AdCampaignAnalyzer is a Streamlit-based application designed to help kitchen and bathroom remodeling businesses analyze their advertising campaigns. It provides tools to evaluate, compare, and report on various ad metrics to optimize the performance of ad campaigns.
- Home Page: Overview of the application.
- Search by Metric: Search and filter ads based on specific metrics.
- Analysis and Report: Detailed analysis and performance reports for individual ads.
- Compare Metrics: Compare multiple ads against benchmarks.
git clone https://github.com/codehard8/AdCampaignAnalyzer.git
cd AdCampaignAnalyzer
pip install -r requirements.txt
streamlit run app.py
The main entry point of the application that sets up the Streamlit interface and navigation menu.
Provides functionality to analyze individual ad performance and generate detailed reports, including key metrics summary, performance classification, and visualizations using various chart types (Lollipop, Bar, Spider, Line).

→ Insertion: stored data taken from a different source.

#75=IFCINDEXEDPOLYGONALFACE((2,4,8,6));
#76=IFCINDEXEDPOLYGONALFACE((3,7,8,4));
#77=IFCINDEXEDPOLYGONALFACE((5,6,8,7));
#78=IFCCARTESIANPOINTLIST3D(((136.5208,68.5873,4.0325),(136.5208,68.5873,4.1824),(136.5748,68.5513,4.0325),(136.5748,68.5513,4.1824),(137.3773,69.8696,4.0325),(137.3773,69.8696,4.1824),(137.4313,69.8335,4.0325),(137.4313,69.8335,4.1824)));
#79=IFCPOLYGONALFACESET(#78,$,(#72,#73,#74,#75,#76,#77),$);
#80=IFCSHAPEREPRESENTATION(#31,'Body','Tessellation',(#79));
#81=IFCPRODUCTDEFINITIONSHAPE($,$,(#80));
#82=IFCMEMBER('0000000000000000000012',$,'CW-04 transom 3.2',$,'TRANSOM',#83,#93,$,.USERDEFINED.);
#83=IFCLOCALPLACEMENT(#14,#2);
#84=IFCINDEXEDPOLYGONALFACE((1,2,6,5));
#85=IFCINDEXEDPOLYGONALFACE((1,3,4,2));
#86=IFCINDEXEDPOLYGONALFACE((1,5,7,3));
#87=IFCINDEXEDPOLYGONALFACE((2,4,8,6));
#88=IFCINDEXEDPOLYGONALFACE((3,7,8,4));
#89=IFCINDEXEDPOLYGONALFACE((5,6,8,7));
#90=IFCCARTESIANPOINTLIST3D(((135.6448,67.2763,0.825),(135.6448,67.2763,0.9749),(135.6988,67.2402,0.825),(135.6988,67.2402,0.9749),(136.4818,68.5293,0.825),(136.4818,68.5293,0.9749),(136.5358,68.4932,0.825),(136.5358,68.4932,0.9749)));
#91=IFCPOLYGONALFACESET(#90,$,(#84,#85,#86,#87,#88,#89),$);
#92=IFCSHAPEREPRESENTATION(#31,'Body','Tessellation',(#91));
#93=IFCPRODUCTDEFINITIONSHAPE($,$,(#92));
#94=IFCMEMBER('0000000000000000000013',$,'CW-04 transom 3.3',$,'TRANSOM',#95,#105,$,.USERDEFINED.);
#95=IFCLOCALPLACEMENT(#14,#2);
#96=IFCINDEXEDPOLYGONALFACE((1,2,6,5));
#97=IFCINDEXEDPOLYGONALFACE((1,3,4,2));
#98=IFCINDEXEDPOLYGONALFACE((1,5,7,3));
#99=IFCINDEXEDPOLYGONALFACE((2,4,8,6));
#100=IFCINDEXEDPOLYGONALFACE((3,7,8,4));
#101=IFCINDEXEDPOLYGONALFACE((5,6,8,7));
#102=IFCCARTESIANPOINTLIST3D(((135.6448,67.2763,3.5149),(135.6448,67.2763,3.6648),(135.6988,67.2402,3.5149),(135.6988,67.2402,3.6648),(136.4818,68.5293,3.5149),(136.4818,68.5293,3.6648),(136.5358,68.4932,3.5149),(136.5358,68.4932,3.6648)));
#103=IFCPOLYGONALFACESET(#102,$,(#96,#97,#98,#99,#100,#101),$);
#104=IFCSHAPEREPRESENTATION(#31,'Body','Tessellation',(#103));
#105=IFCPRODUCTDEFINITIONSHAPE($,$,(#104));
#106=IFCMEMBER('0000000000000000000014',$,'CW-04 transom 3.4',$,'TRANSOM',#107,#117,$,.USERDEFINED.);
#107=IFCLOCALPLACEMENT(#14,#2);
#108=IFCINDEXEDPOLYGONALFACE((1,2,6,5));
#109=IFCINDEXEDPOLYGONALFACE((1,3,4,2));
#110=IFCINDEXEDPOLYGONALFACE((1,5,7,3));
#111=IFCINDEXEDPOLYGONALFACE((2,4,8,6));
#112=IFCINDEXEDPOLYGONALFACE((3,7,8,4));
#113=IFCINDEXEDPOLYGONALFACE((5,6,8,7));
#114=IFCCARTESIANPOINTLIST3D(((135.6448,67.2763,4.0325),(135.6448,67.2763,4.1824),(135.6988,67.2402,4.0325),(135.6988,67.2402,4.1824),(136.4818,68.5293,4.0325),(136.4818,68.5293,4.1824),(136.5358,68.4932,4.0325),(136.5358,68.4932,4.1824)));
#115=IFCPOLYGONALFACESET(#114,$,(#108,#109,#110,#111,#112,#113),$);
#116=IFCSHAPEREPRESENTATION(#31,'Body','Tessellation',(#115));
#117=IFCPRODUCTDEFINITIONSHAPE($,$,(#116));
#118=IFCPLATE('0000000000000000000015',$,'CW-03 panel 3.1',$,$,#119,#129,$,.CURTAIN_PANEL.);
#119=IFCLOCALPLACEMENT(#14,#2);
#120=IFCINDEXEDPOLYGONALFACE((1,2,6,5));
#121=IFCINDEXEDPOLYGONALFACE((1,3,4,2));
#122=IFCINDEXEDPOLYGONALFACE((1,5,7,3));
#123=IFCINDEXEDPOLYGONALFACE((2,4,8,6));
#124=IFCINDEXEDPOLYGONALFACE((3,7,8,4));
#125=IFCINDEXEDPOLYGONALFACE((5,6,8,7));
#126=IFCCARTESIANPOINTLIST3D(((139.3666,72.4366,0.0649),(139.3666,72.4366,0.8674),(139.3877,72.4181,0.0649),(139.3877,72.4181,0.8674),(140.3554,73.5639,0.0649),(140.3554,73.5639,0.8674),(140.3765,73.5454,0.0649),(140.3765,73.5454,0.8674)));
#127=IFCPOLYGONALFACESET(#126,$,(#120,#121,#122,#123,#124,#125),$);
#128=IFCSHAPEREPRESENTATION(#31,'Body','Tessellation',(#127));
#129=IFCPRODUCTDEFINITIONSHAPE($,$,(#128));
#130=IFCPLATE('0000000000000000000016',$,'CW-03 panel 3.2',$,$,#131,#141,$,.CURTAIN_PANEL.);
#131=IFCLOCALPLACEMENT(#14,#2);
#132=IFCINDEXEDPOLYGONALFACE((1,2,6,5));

Contains benchmark values for key metrics specific to kitchen and bathroom renovation ad campaigns. These benchmarks are used for performance comparisons.
Allows users to compare multiple ads against benchmarks. It provides visualizations to compare different metrics using bar and line charts.
- Home Page: Start by navigating to the Home page.
- Upload Data: Upload your dataset in the campaign section to enable analysis and comparisons.
- Search by Metric: Use the "Search by Metric" section to filter ads based on specific metrics.
- Analysis and Report: Navigate to "Analysis and Report" to get detailed insights into individual ad performance.
- Compare Metrics: Use the "Compare Metrics" section to compare multiple ads and visualize their performance against benchmarks.
Feel free to submit issues or pull requests if you have any improvements or bug fixes.
This project is licensed under the MIT License.